The concept of heat capacity is central to thermodynamics. It's all about how a body responds to the absorption or loss of heat. When a body absorbs heat, its temperature rises. When it loses heat, the temperature falls. This change in temperature is directly related to the heat transfer.

The equation q = n C ∆T is used to calculate the heat (q) required to change the temperature of one mole of any substance by a certain amount (∆T). The constant C in this equation is known as the molar heat capacity of the substance. It represents the amount of heat energy needed to change the temperature of 1 mole of a substance by 1 degree. This value depends on factors such as the substance's composition, size, and nature.

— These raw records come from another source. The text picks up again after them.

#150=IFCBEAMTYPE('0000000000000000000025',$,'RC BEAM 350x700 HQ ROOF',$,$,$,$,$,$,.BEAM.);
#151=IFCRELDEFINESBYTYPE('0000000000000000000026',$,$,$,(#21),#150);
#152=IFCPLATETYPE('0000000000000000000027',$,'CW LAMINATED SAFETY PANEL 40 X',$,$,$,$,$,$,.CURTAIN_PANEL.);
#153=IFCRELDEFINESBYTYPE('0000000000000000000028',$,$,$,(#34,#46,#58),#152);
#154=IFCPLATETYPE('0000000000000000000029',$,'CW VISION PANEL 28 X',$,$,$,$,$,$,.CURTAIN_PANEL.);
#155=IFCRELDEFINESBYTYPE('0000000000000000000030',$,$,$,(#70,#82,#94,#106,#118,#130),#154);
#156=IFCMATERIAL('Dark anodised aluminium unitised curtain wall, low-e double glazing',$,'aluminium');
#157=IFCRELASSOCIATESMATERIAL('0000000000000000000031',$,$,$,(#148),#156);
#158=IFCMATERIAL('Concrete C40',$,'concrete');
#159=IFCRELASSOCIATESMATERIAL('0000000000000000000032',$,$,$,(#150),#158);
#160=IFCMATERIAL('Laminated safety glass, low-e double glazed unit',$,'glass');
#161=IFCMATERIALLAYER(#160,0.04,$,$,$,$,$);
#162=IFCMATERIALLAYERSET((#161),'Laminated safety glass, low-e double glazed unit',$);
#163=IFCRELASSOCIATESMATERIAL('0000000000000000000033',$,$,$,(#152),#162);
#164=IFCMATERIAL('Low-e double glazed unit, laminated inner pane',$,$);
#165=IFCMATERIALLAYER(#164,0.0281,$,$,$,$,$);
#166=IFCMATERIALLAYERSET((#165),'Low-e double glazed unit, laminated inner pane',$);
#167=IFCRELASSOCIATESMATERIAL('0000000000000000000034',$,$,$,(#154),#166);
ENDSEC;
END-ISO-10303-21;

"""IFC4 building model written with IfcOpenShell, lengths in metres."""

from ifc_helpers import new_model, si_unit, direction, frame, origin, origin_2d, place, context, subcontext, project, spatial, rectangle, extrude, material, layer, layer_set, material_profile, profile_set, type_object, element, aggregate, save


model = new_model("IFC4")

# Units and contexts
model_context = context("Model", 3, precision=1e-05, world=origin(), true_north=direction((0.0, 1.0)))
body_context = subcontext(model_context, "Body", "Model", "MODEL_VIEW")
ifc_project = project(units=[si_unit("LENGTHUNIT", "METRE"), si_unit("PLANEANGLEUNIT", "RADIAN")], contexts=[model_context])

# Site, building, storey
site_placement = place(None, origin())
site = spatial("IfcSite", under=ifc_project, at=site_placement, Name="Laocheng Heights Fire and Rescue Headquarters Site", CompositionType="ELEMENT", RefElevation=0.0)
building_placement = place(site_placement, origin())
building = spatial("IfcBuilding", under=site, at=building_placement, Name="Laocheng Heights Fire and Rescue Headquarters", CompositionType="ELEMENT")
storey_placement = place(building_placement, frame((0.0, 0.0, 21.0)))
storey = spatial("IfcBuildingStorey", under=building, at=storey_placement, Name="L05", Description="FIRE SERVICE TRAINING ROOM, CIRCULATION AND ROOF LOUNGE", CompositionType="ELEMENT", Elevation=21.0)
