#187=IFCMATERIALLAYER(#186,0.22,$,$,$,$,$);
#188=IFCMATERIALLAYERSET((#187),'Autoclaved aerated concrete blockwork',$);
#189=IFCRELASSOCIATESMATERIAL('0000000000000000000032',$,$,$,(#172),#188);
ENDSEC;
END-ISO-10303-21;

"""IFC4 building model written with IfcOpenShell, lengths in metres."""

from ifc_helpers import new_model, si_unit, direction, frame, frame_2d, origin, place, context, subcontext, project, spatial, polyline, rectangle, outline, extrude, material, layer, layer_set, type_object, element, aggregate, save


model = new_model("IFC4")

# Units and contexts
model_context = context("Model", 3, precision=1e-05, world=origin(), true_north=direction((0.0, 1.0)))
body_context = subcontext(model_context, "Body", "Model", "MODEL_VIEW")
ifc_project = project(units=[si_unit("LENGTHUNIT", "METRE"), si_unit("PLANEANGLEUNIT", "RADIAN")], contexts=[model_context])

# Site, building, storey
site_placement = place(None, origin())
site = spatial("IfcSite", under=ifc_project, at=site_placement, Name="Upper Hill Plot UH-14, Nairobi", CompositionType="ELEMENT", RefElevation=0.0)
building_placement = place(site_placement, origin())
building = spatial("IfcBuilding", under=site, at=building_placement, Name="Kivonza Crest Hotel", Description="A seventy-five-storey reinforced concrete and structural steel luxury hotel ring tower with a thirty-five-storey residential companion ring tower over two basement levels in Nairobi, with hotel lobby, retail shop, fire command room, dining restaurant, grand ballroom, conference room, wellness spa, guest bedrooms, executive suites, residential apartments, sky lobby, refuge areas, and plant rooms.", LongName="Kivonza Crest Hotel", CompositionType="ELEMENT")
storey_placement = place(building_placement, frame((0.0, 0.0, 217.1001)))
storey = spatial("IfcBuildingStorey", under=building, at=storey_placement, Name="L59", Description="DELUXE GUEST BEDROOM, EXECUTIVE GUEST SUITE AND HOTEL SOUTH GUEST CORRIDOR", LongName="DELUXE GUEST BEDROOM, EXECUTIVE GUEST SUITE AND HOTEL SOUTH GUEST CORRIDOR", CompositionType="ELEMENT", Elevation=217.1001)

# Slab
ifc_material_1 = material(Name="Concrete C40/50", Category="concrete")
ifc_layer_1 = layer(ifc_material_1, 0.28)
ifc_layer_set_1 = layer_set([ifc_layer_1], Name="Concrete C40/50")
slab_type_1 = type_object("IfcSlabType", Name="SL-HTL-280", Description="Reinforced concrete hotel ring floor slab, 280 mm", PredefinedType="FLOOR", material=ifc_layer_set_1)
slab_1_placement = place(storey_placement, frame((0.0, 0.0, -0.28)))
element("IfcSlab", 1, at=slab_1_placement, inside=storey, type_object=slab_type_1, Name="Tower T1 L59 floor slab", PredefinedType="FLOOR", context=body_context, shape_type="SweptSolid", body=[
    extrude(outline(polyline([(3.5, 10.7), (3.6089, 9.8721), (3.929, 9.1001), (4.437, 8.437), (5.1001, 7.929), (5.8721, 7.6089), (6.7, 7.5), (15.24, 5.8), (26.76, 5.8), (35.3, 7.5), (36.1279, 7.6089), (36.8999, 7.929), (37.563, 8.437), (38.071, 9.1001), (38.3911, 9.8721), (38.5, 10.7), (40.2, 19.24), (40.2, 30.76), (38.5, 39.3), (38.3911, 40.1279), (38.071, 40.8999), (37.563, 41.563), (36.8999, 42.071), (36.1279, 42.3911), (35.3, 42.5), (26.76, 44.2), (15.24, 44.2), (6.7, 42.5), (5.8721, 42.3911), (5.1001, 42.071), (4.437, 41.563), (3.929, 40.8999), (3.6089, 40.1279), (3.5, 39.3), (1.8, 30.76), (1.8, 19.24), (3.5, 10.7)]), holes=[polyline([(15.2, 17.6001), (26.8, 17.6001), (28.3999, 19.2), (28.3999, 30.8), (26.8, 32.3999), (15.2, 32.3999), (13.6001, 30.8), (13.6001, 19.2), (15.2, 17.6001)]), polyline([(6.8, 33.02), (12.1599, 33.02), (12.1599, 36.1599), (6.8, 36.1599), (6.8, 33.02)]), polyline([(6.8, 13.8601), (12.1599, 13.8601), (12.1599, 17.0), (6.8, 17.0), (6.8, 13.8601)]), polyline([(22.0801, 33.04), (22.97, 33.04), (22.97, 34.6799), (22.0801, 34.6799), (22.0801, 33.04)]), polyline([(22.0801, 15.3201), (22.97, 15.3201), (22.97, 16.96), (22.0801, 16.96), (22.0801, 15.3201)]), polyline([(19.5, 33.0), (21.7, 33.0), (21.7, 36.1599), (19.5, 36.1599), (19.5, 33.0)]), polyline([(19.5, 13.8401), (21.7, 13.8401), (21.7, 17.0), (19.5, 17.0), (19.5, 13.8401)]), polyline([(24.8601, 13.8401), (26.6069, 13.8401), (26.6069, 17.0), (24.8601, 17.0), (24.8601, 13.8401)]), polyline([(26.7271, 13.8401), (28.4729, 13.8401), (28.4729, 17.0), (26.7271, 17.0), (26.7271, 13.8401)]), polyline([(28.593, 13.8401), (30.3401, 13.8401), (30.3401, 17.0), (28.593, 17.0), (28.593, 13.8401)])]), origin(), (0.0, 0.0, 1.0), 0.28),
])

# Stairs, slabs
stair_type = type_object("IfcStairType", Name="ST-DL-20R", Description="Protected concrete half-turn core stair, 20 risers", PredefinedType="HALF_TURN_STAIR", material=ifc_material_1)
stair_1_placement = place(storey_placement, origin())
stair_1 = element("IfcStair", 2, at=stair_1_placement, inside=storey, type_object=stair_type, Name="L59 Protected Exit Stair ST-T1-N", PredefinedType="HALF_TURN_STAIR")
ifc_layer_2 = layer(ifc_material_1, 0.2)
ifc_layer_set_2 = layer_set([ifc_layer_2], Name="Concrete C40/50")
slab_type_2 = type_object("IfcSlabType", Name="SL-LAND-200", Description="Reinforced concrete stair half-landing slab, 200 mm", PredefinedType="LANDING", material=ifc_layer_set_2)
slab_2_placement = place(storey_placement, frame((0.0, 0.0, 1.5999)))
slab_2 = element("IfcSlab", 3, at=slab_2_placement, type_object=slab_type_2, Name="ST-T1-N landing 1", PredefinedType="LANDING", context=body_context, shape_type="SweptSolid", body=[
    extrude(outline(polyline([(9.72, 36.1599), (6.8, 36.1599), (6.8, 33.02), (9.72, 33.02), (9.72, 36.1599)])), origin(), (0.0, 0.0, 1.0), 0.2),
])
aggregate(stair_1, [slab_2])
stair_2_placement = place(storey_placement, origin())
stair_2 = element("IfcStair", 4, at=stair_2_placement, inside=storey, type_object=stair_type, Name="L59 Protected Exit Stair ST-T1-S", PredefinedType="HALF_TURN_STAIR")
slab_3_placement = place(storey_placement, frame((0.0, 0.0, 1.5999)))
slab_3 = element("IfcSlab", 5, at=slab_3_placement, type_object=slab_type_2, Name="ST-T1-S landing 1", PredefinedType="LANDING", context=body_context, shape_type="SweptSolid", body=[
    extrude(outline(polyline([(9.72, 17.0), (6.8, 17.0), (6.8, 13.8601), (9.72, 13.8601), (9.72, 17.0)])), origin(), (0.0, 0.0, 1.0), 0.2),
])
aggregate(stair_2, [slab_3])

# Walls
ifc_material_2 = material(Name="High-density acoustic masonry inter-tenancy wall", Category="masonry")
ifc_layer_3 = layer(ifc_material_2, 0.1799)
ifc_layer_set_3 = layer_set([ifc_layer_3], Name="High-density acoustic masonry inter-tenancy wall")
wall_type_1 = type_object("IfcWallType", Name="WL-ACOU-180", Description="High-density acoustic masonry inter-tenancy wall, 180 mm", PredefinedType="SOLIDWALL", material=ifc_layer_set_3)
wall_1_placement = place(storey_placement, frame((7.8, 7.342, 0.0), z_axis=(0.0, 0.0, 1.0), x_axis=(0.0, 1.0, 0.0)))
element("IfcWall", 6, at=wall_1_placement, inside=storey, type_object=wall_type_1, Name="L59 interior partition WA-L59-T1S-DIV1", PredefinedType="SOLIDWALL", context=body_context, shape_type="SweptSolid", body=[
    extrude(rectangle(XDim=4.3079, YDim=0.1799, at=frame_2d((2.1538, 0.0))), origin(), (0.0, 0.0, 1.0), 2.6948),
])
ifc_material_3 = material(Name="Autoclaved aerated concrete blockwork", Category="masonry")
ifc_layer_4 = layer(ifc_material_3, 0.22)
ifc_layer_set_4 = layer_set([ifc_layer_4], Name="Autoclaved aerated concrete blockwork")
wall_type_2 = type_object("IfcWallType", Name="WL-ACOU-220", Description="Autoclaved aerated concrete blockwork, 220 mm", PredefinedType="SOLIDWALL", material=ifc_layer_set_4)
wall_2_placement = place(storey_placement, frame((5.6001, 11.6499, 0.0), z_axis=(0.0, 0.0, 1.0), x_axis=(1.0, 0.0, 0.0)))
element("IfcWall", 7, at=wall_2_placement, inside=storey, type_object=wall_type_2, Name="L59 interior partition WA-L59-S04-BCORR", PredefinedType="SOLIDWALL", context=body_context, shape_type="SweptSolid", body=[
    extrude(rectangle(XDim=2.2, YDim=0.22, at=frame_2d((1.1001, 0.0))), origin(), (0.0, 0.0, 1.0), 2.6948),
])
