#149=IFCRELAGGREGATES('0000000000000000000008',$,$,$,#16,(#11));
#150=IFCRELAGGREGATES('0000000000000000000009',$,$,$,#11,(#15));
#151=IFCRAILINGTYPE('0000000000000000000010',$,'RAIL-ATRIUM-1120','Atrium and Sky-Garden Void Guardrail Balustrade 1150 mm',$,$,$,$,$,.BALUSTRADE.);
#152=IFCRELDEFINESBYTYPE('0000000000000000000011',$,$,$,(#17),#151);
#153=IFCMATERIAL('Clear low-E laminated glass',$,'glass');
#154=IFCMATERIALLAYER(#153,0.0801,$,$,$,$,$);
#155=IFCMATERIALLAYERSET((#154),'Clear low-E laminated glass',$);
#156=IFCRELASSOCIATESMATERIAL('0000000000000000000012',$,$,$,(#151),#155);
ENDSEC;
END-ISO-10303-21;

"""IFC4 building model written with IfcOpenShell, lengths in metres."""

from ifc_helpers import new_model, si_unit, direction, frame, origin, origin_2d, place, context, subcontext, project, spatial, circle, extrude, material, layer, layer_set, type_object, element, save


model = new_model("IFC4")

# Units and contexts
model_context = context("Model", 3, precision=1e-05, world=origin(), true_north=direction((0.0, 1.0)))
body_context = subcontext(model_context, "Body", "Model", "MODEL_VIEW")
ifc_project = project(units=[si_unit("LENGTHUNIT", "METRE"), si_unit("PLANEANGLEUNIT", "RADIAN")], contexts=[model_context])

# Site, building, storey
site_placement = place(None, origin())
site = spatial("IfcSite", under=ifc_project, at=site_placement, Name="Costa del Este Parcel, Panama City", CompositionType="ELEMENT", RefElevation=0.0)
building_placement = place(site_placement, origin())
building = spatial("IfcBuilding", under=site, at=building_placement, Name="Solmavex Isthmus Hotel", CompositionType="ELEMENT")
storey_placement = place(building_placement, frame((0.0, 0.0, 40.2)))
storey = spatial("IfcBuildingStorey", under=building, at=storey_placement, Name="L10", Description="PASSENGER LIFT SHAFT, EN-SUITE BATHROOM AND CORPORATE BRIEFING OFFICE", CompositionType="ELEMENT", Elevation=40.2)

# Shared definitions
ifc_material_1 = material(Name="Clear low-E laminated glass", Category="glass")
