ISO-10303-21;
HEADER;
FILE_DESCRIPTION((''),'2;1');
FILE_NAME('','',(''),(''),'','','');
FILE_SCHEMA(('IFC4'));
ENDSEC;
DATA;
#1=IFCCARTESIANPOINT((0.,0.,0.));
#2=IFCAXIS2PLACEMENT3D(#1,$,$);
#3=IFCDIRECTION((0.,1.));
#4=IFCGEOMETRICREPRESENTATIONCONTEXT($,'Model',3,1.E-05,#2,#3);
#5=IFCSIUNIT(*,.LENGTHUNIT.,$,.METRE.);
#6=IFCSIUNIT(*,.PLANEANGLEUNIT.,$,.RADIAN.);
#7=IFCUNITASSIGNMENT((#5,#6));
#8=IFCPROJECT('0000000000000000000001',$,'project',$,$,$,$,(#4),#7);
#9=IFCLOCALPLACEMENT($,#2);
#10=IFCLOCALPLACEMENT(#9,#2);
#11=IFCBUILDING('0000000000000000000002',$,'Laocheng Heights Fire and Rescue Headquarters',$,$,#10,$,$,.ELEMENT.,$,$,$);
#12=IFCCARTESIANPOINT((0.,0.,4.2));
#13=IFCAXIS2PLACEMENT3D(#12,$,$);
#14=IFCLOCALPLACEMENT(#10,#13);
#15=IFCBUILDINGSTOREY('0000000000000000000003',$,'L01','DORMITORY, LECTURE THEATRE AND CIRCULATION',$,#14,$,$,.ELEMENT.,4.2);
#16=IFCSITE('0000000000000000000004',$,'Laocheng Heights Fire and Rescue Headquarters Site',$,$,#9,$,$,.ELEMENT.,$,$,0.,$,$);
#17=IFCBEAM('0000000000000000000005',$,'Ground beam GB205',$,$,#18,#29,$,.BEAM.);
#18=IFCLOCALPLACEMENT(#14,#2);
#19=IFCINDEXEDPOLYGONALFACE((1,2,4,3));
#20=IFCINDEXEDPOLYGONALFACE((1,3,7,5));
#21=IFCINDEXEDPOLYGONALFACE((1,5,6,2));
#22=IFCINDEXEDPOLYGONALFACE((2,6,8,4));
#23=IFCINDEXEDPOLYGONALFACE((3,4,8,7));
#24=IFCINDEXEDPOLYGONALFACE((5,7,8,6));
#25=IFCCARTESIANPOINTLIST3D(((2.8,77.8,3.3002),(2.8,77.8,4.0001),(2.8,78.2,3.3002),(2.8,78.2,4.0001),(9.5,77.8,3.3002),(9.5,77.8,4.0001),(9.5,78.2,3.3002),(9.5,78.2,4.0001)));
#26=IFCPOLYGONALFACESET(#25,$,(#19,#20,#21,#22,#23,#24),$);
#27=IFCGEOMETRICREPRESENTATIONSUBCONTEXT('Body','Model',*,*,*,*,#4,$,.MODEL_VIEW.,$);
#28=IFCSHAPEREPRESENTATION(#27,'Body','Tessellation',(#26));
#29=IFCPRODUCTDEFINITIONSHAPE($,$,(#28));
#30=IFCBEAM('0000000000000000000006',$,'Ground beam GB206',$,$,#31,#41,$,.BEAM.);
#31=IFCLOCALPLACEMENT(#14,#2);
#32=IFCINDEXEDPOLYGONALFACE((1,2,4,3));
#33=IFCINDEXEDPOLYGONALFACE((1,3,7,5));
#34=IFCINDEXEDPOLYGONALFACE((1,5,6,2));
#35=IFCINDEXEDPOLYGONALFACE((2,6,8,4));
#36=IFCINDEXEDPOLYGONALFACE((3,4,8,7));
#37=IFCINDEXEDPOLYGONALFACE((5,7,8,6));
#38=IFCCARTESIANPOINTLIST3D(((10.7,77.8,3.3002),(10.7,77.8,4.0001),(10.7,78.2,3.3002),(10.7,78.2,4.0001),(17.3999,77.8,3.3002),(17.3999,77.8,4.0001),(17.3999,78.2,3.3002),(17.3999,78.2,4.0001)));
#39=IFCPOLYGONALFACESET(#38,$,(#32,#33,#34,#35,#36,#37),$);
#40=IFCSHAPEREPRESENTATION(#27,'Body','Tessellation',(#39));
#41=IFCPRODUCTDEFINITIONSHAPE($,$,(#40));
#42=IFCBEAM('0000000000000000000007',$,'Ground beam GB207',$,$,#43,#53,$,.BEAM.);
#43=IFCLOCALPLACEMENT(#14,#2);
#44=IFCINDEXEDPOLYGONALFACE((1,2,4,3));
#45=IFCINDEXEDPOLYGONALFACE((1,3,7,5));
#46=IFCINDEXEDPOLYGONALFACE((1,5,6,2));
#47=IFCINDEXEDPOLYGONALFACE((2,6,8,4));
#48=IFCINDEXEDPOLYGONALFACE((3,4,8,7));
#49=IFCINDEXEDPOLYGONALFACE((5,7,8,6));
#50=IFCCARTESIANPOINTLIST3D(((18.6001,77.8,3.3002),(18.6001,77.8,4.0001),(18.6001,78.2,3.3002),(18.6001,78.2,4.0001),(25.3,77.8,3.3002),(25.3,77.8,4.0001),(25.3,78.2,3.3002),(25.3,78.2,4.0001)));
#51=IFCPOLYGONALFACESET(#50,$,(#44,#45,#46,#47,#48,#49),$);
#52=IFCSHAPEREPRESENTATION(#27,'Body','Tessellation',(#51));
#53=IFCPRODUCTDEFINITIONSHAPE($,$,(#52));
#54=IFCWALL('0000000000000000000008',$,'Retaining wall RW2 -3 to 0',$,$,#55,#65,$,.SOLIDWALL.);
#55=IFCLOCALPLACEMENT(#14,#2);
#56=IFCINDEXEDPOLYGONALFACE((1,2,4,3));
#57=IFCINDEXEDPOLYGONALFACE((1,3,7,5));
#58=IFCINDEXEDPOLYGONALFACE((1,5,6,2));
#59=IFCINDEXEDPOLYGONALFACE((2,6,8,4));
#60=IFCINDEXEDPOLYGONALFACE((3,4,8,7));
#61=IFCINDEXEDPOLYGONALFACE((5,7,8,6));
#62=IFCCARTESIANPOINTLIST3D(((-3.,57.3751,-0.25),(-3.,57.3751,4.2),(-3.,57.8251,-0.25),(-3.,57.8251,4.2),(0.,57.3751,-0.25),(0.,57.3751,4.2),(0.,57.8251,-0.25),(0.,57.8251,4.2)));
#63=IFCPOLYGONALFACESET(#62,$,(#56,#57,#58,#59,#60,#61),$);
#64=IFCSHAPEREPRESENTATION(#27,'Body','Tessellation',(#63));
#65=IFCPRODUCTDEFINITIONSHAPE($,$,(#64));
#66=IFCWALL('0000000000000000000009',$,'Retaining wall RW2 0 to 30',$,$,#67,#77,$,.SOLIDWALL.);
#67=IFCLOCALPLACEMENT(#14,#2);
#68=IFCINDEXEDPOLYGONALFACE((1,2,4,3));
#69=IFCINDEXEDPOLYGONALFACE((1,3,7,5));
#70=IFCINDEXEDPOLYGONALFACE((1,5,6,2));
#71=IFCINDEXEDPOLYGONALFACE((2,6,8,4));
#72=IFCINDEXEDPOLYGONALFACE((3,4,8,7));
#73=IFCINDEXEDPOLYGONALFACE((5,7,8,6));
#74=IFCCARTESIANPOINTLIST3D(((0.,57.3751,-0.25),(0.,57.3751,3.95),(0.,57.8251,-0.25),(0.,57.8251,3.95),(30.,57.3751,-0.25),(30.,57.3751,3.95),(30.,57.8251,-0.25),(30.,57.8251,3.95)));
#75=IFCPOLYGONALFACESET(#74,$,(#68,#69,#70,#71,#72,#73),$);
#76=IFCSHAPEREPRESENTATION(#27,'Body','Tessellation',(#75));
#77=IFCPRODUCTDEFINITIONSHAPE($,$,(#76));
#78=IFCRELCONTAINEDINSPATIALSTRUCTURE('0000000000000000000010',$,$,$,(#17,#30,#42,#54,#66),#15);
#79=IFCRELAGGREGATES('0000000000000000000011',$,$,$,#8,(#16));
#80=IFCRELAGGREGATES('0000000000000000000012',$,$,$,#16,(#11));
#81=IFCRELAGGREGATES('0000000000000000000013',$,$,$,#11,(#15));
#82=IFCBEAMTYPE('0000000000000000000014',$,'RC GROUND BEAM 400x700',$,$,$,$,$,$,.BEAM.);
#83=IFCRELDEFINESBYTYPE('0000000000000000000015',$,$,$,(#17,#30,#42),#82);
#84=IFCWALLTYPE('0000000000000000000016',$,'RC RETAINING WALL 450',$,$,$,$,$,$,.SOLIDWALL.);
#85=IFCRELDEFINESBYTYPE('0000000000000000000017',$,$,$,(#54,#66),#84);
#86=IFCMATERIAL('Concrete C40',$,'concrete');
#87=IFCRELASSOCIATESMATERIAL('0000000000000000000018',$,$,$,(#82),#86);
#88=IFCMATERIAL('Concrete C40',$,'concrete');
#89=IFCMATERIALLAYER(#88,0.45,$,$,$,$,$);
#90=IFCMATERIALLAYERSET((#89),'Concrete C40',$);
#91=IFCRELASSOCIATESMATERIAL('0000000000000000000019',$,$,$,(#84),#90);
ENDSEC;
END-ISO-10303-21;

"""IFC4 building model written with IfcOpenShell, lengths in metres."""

from ifc_helpers import new_model, si_unit, direction, frame, frame_2d, origin, origin_2d, place, context, subcontext, project, spatial, rectangle, extrude, material, layer, layer_set, material_profile, profile_set, type_object, element, save


model = new_model("IFC4")

# Units and contexts
model_context = context("Model", 3, precision=1e-05, world=origin(), true_north=direction((0.0, 1.0)))
body_context = subcontext(model_context, "Body", "Model", "MODEL_VIEW")
ifc_project = project(units=[si_unit("LENGTHUNIT", "METRE"), si_unit("PLANEANGLEUNIT", "RADIAN")], contexts=[model_context])

# Site, building, storey
site_placement = place(None, origin())
site = spatial("IfcSite", under=ifc_project, at=site_placement, Name="Laocheng Heights Fire and Rescue Headquarters Site", CompositionType="ELEMENT", RefElevation=0.0)
building_placement = place(site_placement, origin())
building = spatial("IfcBuilding", under=site, at=building_placement, Name="Laocheng Heights Fire and Rescue Headquarters", CompositionType="ELEMENT")
storey_placement = place(building_placement, frame((0.0, 0.0, 4.2)))
storey = spatial("IfcBuildingStorey", under=building, at=storey_placement, Name="L01", Description="DORMITORY, LECTURE THEATRE AND CIRCULATION", CompositionType="ELEMENT", Elevation=4.2)

# Beams
ifc_material_1 = material(Name="Concrete C40", Category="concrete")
ifc_material_profile = material_profile(ifc_material_1, rectangle(XDim=0.3999, YDim=0.7, at=origin_2d()), Name="RC GROUND BEAM 400x700")
ifc_profile_set = profile_set([ifc_material_profile], Name="Concrete C40")
beam_type = type_object("IfcBeamType", Name="RC GROUND BEAM 400x700", PredefinedType="BEAM", material=ifc_profile_set)
for number, where, z_axis, x_axis, name in (
    (1, (2.8, 78.0, 3.6501), (1.0, 0.0, 0.0), (0.0, 1.0, 0.0), "Ground beam GB205"),
    (2, (10.7, 78.0, 3.6501), (1.0, 0.0, 0.0), (0.0, 1.0, 0.0), "Ground beam GB206"),
    (3, (18.6001, 78.0, 3.6501), (1.0, 0.0, 0.0), (0.0, 1.0, 0.0), "Ground beam GB207"),
):
    element("IfcBeam", number, at=place(storey_placement, frame(where, z_axis=z_axis, x_axis=x_axis)), inside=storey, type_object=beam_type, Name=name, PredefinedType="BEAM", context=body_context, shape_type="SweptSolid", body=[
        extrude(rectangle(XDim=0.3999, YDim=0.7, at=origin_2d()), origin(), (0.0, 0.0, 1.0), 6.7),
    ])

# Walls
ifc_material_2 = material(Name="Concrete C40", Category="concrete")
ifc_layer = layer(ifc_material_2, 0.45)
ifc_layer_set = layer_set([ifc_layer], Name="Concrete C40")
wall_type = type_object("IfcWallType", Name="RC RETAINING WALL 450", PredefinedType="SOLIDWALL", material=ifc_layer_set)
wall_1_placement = place(storey_placement, frame((-3.0, 57.6001, -0.25), z_axis=(0.0, 0.0, 1.0), x_axis=(1.0, 0.0, 0.0)))
element("IfcWall", 4, at=wall_1_placement, inside=storey, type_object=wall_type, Name="Retaining wall RW2 -3 to 0", PredefinedType="SOLIDWALL", context=body_context, shape_type="SweptSolid", body=[
    extrude(rectangle(XDim=3.0, YDim=0.45, at=frame_2d((1.5, 0.0))), origin(), (0.0, 0.0, 1.0), 4.45),
])
wall_2_placement = place(storey_placement, frame((0.0, 57.6001, -0.25), z_axis=(0.0, 0.0, 1.0), x_axis=(1.0, 0.0, 0.0)))
element("IfcWall", 5, at=wall_2_placement, inside=storey, type_object=wall_type, Name="Retaining wall RW2 0 to 30", PredefinedType="SOLIDWALL", context=body_context, shape_type="SweptSolid", body=[
    extrude(rectangle(XDim=30.0, YDim=0.45, at=frame_2d((15.0, 0.0))), origin(), (0.0, 0.0, 1.0), 4.2),
])

save(model, "model.ifc")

In this article, we'll focus on two specific types of molar heat capacity - CP and CV - and explore their relationship.

• The molar heat capacity C at constant pressure is denoted by CP.
• The molar heat capacity C at constant volume is denoted by CV.

The Relationship between CP and CV for an Ideal Gas

Let's start with the equation q = n C ∆T. From this, we can derive:

At constant pressure P, the equation becomes qP = n CP ∆T. This is equivalent to the change in enthalpy (∆H).

Similarly, at constant volume V, the equation becomes qV = n CV ∆T. This is equivalent to the change in internal energy (∆U).

For one mole of an ideal gas (n=1), we know that ∆H = ∆U + ∆(pV) = ∆U + ∆(RT) = ∆U + R ∆T.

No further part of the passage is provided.